I use the Kindle app on my iPhone which is great as it slips into a pocket and it's free.

And my book is available to purchase on Kindle if you're interested.


----------



## Allanon

Robsia, the first thing I'm going to do when I get home Friday is order your book! Fellow Chronites should always count me as a fan!


----------



## Robsia

I think I love you


----------



## Allanon

Imagine this smiley with blushing cheeks!!


----------



## chrispenycate

Well I now have a Kindle; my Christmas present.
And I managed to register; not easily, but it happened. It absolutely wanted to speak German to me.

And now, of course I can't download any books into it. Amazon UK won't touch me, can't transfer through the USB cable, only WiFi, and all instructions in Deutsch.

I've got a lot of eMails to do when I get back to civilization.


----------



## Vertigo

Chrispy, try installing Kindle 4 PC (or mac equivalent) then order on line on your PC and download to the PC (app is registered like the Kindle and then becomes a download option when you buy a book). Then it is relatively easy to upload the book to the Kindle. I recommend getting Calibre which amongst other things will do that bit for you.


----------



## Langadune

Vertigo said:


> I recommend getting Calibre which amongst other things will do that bit for you.



+1
It'll convert any ebook to just about any other format you choose as well.


----------



## Vertigo

Yes except you will have to add some plugins to deal with DRM'd ebooks which almost everything from Amazon will be.


----------



## Erin99

Hey! I think I shall have to march in here and stick up for the Kindle. I LOVE mine!  I have no room for more books in this small flat... and now I don't need it! Sure, some of the prices for ebooks on Amazon are MENTAL(!), but I suppose you're paying for convenience these days, among other things.

But the price drops if you're patient...

As for the device itself, it's lightweight, great for left AND right-handed users, and it doesn't give me eye pain! And you can set the font and font size of every book.

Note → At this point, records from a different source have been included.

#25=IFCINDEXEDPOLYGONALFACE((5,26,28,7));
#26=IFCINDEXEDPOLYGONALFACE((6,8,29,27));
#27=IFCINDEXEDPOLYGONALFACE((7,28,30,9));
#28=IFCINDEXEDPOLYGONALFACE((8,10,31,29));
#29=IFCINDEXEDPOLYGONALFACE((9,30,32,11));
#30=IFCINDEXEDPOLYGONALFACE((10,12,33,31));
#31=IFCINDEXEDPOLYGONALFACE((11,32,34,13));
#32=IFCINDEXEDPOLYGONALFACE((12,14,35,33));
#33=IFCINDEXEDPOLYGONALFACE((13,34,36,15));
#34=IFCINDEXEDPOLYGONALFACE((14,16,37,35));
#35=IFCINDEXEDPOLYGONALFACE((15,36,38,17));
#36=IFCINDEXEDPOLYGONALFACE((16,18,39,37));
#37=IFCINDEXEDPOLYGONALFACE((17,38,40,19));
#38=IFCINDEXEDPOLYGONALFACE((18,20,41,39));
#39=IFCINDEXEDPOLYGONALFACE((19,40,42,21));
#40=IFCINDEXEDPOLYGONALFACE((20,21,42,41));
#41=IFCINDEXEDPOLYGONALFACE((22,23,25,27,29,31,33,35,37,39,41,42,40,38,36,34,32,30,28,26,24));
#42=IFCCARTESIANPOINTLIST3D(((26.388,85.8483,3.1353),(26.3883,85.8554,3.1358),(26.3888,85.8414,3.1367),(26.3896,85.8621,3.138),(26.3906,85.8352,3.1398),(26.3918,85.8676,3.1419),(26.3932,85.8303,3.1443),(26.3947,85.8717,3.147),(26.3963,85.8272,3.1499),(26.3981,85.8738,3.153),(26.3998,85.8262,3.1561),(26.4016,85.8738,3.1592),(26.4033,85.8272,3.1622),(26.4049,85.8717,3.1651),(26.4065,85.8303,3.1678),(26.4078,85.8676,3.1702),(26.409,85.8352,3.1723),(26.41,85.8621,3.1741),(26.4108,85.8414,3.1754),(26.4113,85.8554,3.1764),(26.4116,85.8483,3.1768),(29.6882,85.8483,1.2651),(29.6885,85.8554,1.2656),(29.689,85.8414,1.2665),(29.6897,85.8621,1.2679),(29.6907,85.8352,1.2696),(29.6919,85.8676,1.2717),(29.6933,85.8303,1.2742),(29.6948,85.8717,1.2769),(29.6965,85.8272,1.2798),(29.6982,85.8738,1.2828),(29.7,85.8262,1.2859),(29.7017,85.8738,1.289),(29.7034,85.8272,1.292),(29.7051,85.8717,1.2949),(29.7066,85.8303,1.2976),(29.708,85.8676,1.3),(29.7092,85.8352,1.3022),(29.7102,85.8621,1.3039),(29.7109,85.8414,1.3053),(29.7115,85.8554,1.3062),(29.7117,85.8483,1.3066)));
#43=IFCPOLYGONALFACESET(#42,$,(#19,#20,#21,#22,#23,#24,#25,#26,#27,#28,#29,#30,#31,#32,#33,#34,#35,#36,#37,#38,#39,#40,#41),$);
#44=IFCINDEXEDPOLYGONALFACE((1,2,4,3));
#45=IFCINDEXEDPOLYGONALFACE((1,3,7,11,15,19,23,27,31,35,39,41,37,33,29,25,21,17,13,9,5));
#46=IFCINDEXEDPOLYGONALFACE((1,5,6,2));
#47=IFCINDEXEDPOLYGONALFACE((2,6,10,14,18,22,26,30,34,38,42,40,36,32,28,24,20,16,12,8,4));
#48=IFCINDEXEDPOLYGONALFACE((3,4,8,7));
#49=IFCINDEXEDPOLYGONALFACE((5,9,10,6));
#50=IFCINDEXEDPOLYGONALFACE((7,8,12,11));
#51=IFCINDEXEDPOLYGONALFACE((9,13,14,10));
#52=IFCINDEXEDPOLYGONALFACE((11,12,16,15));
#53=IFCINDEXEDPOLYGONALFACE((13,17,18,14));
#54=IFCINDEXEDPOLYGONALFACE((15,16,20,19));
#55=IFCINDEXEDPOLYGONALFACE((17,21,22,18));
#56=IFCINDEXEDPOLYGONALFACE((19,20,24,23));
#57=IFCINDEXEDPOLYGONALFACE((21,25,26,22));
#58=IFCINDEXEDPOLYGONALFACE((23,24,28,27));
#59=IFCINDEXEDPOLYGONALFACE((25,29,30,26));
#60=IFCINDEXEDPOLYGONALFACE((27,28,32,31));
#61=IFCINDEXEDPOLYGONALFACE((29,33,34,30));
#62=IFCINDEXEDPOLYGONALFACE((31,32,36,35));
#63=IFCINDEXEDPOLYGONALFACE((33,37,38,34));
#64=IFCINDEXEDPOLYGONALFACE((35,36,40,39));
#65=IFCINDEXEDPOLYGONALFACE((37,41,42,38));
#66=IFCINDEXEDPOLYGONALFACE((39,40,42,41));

As for tips - don't press the screen, because you can crack the delicate layer underneath and then you'll get permanent ink dots on your screen; don't leave your Kindle next to anything electromagnetic (a support technician for Amazon told me that); and _get a cover for it_! I have a snazzy purple cover that folds into a reading stand.


----------



## Vertigo

All good tips Leisha! Your cover sounds like mine (except mine's boring black). Is it a Tuff-Luv case? I love mine completely hands off reading; what a luxury!


----------



## biodroid

Nah, you are safe from the Library Police, the Kindle is great, you can get almost any book on it anywhere in the world. I personally think it's great, the author gets paid his royalties when I purchase a book. I actually feel guilty reading a paper version. The Kindle is so much lighter and manageable and you can carry many, many books on it. It still reads like a paper version which is what you want. Enjoy!!


----------



## biodroid

chrispenycate said:


> Well I now have a Kindle; my Christmas present.
> And I managed to register; not easily, but it happened. It absolutely wanted to speak German to me.
> 
> And now, of course I can't download any books into it. Amazon UK won't touch me, can't transfer through the USB cable, only WiFi, and all instructions in Deutsch.
> 
> I've got a lot of eMails to do when I get back to civilization.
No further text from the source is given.